On March 30, 1948, Daniel P. Krause, hereinafter called the insured, signed an application for a policy of life insurance with the defendant in the amount of $11,000. On April 2, 1948, he was examined by a physician representing the defendant and found to be in good health. On April 6, four days later, the insured while at the Framingham police station, where he had gone to confer with someone, collapsed and remained unconscious for several minutes. While at the police station he was treated by Dr. Contino, a physician. These facts are not in dispute.

Dr. Contino testified that his treatment of the insured included an injection of coramine to stimulate respiratory action, that an inhalator was used, and that in his opinion the insured had suffered an attack of angina pectoris. There was evidence that the insured shortly after regaining consciousness returned to his home accompanied by his wife and his family physician, Dr. Arbetter. During that day an electrocardiogram of the insured was taken by Dr. Arbetter but what it revealed does not appear. There was evidence that the insured resumed his work as a dentist on the following day and that down to the day of his death on December 5, 1948, "there had been no curtailment of his activities or anything to indicate anything was wrong." The cause of death was "acute coronary occlusion."

The application for insurance signed by the insured contained the following: "I agree that ... the Company shall *202 incur no liability until said policy is delivered to me and the entire first premium therefor is actually paid while I am in good health, and then only if I have not consulted or been treated by any physician or practitioner since completion of the medical examination." The policy was issued by the defendant on April 16, 1948, but there was no evidence that the defendant had any knowledge of the occurrence at the Framingham police station on April 6 or of the fact that the insured had been treated by a physician in connection therewith. The first premium was paid on April 21. The policy provided that "This policy, together with the application therefor, a copy of which is attached hereto, and made a part hereof, shall constitute the entire contract between the parties hereto."

The judge submitted the following questions to the jury: (1) "Was Daniel P. Krause in good health on April 16, 1948, the day on which the policy was delivered?" (2) "Was Daniel P. Krause treated by a physician on April 6 or April 7, 1948?" (3) "Did Daniel P. Krause consult a physician on April 6 or April 7, 1948?" The jury answered "Yes" to each question. The judge then directed a verdict for the defendant subject to the plaintiff's exception.

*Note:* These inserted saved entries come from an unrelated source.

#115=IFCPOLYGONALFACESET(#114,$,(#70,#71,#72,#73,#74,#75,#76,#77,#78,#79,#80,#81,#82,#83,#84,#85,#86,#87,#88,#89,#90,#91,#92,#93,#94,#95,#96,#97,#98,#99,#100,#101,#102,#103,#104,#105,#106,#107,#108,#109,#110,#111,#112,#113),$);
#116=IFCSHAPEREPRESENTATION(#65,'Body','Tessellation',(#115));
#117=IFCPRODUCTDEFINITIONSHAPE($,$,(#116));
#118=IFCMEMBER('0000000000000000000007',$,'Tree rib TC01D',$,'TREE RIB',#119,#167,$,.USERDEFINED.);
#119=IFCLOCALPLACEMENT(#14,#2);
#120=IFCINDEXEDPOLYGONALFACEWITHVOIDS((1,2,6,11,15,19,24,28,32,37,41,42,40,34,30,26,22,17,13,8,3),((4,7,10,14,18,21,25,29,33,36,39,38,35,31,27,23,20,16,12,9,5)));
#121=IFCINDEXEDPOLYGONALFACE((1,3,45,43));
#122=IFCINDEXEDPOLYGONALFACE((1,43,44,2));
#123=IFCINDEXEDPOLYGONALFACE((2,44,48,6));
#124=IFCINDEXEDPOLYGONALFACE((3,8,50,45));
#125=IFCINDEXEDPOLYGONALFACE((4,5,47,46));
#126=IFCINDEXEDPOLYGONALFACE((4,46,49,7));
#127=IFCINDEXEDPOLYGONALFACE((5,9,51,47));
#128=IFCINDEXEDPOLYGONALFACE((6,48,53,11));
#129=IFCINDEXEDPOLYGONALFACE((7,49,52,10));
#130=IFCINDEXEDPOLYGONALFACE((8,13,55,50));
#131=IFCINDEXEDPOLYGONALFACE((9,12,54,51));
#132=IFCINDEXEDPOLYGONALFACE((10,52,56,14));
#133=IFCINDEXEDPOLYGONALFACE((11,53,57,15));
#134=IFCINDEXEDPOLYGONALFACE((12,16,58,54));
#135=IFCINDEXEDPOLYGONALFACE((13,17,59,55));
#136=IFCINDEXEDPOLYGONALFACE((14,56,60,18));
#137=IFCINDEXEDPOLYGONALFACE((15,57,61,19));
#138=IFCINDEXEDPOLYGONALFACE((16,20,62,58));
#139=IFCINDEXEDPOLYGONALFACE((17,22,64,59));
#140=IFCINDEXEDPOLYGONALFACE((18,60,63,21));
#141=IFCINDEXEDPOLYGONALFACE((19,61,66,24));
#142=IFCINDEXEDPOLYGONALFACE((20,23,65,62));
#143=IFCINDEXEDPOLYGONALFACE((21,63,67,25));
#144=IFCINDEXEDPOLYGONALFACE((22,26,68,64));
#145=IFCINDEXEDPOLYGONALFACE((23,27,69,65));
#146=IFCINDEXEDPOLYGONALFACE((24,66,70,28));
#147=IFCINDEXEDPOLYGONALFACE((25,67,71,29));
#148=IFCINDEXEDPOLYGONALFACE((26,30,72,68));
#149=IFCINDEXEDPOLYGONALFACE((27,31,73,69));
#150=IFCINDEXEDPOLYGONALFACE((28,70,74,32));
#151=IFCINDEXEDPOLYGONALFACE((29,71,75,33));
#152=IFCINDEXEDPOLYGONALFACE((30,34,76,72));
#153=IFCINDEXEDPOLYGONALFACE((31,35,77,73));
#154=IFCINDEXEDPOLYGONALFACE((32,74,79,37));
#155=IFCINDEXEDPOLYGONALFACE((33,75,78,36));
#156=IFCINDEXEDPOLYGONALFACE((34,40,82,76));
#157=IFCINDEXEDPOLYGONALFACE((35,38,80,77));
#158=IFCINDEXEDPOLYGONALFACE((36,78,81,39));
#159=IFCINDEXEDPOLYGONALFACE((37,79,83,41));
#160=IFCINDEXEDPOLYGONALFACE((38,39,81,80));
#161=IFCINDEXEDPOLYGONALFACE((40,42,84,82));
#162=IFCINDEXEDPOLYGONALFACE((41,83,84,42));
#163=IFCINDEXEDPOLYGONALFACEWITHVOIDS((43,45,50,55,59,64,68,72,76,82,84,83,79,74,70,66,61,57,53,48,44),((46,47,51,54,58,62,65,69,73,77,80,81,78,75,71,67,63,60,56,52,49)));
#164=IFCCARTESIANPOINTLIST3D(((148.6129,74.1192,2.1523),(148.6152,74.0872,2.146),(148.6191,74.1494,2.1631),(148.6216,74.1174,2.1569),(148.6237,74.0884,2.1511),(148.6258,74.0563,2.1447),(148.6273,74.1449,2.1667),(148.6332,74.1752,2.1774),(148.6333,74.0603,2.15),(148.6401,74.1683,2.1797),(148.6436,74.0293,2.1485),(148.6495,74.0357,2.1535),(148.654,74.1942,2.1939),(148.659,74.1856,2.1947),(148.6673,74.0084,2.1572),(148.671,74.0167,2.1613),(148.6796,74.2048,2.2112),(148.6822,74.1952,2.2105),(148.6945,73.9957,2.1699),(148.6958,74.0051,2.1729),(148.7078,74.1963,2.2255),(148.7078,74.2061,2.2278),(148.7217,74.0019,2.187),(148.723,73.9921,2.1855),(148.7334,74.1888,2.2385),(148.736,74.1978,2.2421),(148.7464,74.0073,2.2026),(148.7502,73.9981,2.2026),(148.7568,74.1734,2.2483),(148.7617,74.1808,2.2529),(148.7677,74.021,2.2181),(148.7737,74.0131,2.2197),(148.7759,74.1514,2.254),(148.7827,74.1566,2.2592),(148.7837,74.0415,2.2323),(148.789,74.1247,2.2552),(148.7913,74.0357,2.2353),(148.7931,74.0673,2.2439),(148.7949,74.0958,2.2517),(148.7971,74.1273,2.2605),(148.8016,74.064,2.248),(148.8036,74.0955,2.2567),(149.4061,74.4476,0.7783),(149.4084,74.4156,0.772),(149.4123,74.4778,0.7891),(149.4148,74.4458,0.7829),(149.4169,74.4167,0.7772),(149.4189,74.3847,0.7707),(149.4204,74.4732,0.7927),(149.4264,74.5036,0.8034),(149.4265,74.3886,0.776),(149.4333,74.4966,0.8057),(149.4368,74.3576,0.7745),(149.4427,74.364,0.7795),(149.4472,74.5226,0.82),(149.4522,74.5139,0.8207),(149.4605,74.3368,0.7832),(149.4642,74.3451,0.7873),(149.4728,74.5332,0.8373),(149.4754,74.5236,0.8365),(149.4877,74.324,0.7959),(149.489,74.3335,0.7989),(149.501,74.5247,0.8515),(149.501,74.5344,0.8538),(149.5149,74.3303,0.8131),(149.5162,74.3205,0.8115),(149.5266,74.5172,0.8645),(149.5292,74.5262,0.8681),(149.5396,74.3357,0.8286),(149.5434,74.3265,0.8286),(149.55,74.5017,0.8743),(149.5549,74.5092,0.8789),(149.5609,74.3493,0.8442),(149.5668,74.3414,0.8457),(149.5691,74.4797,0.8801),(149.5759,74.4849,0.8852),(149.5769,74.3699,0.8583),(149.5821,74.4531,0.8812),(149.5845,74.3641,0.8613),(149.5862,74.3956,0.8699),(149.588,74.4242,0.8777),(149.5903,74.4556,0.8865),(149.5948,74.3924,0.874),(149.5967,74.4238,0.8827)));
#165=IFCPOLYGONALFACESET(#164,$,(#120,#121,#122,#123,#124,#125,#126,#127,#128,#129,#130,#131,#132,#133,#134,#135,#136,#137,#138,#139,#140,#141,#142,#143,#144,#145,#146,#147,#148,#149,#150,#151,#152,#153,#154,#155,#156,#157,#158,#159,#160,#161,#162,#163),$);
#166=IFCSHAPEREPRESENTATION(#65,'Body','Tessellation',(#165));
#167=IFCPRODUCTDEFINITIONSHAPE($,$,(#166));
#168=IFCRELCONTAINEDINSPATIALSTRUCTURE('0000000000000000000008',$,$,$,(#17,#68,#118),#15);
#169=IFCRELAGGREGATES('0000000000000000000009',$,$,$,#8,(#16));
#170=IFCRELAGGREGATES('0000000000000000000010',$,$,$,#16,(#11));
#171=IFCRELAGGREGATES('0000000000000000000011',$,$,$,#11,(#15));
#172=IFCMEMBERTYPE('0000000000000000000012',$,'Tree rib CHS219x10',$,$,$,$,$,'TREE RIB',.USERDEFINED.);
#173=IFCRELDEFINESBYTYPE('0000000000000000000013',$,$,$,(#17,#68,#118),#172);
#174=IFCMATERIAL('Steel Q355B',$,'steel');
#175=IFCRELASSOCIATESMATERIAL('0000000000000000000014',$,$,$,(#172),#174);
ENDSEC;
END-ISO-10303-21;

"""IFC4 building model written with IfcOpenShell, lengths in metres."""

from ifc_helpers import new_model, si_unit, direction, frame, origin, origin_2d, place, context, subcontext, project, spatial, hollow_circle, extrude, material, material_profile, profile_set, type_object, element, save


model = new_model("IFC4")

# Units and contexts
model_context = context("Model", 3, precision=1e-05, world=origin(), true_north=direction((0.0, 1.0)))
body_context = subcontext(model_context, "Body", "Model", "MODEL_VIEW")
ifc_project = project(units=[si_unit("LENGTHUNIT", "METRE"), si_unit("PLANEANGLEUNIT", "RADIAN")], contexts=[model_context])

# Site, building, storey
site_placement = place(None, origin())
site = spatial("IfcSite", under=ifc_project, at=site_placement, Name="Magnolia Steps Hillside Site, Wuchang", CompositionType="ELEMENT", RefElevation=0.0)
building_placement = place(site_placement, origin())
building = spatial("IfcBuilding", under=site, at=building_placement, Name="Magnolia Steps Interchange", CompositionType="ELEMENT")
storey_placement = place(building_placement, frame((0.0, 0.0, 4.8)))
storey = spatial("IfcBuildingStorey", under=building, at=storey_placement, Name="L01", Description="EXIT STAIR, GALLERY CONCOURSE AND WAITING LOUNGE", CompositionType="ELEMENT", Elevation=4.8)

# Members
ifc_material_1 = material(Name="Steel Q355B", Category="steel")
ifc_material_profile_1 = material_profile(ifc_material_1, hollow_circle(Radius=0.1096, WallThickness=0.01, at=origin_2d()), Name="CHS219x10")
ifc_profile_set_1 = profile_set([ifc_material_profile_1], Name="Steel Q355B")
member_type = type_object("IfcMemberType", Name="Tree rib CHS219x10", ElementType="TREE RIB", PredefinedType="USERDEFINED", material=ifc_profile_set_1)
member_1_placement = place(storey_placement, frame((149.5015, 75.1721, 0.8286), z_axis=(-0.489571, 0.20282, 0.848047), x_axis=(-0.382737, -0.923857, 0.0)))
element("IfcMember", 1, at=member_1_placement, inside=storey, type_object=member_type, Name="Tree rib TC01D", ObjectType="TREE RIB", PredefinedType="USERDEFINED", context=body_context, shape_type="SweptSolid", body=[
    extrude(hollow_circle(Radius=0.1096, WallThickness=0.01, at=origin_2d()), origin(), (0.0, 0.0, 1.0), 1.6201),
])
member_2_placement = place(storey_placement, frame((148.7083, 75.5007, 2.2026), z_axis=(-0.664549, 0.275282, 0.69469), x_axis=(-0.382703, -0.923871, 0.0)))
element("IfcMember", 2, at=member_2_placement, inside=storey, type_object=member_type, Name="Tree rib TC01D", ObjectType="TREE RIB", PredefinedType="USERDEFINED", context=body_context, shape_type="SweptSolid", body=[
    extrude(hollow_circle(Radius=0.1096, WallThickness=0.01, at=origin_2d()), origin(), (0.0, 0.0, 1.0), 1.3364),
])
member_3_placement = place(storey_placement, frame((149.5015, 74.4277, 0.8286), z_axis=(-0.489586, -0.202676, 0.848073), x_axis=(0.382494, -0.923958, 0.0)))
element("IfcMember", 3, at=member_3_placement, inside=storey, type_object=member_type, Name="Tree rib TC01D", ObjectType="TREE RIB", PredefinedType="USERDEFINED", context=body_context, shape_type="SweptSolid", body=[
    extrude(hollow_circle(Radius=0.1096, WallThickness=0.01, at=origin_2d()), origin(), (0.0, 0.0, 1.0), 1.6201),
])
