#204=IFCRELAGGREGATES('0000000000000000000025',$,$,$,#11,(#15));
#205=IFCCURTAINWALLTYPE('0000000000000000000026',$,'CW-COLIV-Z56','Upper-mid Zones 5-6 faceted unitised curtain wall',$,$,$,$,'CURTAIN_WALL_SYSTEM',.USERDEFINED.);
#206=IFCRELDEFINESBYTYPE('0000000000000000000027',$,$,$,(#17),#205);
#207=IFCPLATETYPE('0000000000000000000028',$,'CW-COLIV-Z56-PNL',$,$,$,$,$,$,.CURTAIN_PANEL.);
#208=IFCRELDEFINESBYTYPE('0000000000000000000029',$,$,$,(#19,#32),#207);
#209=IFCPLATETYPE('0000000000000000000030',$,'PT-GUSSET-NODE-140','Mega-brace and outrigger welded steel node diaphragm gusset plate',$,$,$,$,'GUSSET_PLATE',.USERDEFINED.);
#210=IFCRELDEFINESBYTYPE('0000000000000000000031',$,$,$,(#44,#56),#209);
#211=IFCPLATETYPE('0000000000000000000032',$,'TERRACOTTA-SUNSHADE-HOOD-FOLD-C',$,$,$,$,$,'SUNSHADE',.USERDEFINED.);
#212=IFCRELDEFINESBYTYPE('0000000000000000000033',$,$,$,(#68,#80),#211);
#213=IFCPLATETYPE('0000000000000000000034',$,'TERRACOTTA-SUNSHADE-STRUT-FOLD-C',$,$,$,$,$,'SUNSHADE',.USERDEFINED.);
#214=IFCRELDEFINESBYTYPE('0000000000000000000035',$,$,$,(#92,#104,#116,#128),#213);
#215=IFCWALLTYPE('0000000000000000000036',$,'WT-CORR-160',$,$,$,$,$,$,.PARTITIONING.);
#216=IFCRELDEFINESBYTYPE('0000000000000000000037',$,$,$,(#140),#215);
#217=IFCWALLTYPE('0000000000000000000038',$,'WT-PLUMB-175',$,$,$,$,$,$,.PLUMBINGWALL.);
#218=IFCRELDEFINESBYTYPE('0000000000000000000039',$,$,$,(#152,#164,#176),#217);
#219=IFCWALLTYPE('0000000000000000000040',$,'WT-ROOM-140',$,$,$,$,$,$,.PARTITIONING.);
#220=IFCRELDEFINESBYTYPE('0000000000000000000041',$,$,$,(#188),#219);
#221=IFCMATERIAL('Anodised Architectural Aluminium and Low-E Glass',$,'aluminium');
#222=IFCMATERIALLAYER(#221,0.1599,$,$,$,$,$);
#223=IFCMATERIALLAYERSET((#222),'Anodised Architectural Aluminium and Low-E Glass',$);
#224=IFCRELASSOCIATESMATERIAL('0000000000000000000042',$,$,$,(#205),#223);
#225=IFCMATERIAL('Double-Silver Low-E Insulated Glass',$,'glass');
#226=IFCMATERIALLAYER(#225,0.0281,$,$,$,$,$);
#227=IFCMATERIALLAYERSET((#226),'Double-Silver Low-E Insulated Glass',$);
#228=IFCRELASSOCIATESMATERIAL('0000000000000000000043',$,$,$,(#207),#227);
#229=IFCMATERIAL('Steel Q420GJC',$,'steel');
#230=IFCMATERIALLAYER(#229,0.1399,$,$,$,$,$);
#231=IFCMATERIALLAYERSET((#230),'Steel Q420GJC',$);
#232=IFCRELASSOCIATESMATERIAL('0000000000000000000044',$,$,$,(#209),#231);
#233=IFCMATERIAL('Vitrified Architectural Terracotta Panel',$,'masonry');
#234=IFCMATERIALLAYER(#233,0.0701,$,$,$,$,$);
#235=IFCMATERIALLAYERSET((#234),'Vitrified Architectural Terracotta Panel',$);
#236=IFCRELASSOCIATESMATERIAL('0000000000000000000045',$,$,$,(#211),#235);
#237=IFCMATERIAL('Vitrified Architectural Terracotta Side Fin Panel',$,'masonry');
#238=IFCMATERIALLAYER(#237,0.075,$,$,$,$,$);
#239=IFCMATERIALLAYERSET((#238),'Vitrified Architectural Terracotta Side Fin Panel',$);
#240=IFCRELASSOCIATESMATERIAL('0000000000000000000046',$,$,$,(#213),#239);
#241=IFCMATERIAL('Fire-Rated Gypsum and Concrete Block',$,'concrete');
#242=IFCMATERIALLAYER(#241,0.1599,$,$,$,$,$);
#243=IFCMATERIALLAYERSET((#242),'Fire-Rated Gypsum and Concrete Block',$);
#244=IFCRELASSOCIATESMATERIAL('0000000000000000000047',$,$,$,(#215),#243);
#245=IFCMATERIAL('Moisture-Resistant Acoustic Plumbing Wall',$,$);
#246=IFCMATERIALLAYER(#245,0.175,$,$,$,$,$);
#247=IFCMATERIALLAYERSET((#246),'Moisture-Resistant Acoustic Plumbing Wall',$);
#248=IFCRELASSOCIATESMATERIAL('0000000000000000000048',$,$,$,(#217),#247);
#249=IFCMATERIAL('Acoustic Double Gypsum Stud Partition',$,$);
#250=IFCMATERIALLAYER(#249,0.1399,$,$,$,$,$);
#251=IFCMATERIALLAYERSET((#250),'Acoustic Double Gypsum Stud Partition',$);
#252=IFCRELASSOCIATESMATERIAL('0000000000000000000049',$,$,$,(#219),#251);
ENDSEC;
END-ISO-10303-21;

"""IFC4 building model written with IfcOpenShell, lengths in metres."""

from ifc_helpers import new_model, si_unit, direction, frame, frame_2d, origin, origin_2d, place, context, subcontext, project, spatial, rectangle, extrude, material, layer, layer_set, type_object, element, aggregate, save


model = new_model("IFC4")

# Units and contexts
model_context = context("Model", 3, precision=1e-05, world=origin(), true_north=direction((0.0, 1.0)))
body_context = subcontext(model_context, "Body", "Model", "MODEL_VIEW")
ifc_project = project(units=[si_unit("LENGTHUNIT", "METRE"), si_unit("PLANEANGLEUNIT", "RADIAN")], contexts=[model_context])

The judge in submitting the special questions to the jury charged, among other things, that if the insured consulted a doctor or was treated by one on April 6 or 7 then the policy never became effective and the plaintiff would not be entitled to recover. To this portion of the charge the plaintiff excepted. In her brief the plaintiff states that the issue to be decided is whether this statement was correct. But we are of opinion that what the judge said on this point in the charge became of no importance in view of what happened. It seems probable that at the outset of his charge the judge intended to submit the entire case to the jury and take a general verdict. But before he finished he apparently decided to submit to the jury only the special questions set forth above, and those were the only matters passed upon by the jury. Hence what the judge told the jury on the broader issues of liability ceased to be of any *203 importance. The plaintiff makes no contention that the jury were not warranted in finding that the insured had consulted and had been treated by a physician on April 6 or 7. At all events the evidence amply warranted such a finding.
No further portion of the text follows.